Shocker. Did anyone expect Koh to rule differently? She has made it clear time and again that she will let her emotions guide her decisions. Regardless of what a jury decides.

No judge is going to ban an entire product if only a small part of it infringes. It's not that hard to comprehend.


So in your expert opinion what should the metric be (i.e., number of items infringed upon?, value of function as a whole or a percentage of device cost?, general ability to differentiate between the devices infringed upon -- anybody remember attorneys not being able to tell which device was their client's?).

 

I think they ought to have to pay up for the value lost (triple since intentional) plus they must rework the infringed upon code and all licensees be responsible for making these changes for the majority of devices 'fixed' without piggybacking any other upgrades or pay for the cost of the developers that took advantage of these features.

post #17 of 59
Originally Posted by dasanman69 View Post
No judge is going to ban an entire product if only a small part of it infringes.

 

Yeah, see, I think I’ll block all imports of cabbage if only a “small part” of them was found to have been purposefully injected with the hantavirus.

 

Originally Posted by radster360 View Post
Too bad these judges are given this position for life!
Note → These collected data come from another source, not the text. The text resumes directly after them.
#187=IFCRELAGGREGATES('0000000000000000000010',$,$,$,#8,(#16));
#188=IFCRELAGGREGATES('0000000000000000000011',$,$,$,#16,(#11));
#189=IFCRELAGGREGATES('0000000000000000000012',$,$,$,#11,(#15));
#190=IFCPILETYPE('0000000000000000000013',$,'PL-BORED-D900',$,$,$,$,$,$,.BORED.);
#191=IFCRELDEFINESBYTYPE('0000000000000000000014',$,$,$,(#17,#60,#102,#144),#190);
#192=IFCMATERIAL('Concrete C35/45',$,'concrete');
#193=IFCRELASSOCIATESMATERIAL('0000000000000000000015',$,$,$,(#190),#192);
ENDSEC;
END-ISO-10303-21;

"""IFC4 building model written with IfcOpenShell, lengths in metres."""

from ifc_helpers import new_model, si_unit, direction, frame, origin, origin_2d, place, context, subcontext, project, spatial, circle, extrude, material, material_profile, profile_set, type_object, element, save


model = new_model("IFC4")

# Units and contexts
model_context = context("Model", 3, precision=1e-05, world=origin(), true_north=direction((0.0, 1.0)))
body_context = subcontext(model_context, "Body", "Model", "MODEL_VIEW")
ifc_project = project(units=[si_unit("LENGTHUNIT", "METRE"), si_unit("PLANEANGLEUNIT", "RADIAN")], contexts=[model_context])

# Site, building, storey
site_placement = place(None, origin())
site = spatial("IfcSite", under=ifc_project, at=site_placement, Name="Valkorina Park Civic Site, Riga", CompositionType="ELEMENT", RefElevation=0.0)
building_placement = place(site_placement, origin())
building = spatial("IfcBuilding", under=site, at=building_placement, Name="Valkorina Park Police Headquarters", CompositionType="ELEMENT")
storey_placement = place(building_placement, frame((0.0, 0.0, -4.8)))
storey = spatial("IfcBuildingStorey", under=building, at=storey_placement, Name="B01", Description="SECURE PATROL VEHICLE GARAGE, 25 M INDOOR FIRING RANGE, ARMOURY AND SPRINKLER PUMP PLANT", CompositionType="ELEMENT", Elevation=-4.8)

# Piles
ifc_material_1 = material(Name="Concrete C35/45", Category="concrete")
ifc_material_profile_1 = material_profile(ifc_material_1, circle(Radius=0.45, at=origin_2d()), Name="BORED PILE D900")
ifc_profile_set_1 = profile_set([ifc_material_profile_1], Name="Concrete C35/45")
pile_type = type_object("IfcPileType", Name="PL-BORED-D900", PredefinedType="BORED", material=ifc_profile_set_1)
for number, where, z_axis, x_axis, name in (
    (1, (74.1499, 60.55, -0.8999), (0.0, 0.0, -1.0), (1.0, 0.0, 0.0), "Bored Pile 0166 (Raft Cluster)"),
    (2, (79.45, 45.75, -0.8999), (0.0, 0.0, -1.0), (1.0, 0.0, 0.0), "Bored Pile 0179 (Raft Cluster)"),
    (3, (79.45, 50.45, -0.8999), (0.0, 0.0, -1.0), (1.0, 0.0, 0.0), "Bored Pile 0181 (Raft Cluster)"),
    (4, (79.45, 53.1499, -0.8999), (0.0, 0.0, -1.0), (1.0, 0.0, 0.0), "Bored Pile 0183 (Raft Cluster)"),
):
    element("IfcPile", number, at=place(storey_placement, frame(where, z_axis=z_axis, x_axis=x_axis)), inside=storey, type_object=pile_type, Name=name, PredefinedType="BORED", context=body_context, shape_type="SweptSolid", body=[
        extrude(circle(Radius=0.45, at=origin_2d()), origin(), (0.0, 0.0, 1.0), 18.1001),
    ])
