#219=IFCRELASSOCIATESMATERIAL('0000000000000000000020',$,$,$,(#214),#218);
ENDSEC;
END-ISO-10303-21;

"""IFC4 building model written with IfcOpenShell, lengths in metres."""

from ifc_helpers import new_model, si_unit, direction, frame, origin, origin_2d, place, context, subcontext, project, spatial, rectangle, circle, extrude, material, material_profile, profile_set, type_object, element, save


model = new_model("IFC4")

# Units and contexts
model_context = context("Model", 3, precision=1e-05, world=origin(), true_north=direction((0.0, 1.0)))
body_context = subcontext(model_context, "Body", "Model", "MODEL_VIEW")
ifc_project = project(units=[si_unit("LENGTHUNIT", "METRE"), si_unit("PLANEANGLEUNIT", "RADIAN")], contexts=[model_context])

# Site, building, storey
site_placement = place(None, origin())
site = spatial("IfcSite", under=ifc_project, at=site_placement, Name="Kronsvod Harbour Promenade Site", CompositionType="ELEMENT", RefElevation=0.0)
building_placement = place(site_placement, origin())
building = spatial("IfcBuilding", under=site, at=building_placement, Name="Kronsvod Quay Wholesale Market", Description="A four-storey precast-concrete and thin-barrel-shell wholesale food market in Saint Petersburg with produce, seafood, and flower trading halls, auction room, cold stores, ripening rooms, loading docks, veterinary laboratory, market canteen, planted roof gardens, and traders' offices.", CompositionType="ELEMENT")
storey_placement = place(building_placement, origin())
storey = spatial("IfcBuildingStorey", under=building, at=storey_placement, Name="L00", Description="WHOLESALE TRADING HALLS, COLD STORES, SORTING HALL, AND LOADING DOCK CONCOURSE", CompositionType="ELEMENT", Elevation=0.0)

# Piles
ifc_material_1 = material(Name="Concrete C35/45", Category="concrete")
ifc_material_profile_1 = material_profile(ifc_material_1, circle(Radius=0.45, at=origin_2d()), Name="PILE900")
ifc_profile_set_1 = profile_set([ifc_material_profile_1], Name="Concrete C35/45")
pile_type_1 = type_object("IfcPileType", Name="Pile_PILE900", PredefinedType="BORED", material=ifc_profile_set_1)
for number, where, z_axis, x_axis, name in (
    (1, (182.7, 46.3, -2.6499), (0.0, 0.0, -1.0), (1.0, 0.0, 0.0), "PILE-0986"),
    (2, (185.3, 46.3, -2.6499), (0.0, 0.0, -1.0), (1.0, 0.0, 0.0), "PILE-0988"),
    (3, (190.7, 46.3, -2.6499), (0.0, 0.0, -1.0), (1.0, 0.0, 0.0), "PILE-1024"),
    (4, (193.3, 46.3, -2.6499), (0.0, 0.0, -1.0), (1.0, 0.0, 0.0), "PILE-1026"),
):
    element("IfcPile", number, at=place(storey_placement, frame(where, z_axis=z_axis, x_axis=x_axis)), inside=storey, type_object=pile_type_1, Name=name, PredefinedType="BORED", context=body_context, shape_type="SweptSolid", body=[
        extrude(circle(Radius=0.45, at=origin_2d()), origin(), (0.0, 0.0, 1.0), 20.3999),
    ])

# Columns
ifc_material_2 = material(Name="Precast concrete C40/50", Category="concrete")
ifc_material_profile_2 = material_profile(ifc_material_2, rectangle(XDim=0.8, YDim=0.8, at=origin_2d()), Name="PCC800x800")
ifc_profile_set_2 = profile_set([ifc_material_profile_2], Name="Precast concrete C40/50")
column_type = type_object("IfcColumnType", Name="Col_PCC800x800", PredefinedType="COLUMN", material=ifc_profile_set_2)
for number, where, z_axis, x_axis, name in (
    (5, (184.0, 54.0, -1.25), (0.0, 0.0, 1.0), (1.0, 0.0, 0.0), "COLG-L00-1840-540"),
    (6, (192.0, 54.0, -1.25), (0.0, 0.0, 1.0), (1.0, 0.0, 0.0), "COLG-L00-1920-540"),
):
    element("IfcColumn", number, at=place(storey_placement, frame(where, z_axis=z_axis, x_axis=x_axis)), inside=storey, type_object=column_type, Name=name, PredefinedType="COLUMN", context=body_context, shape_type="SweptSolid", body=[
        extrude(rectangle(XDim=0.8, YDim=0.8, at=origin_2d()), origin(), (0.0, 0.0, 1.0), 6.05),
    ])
Time to find dirt on this judge!

 

No. If she is to be disbarred or otherwise removed from this case, it should be on legal or otherwise truthful grounds.

post #18 of 59
Quote:
Originally Posted by radster360 View Post

Too bad these judges are given this position for life! Time to find dirt on this judge!

Right. Is that how the American judicial system is supposed to work? If you lose, find a way to blackmail the judge. Do everybody a favor…go back to your post and add /S at the end.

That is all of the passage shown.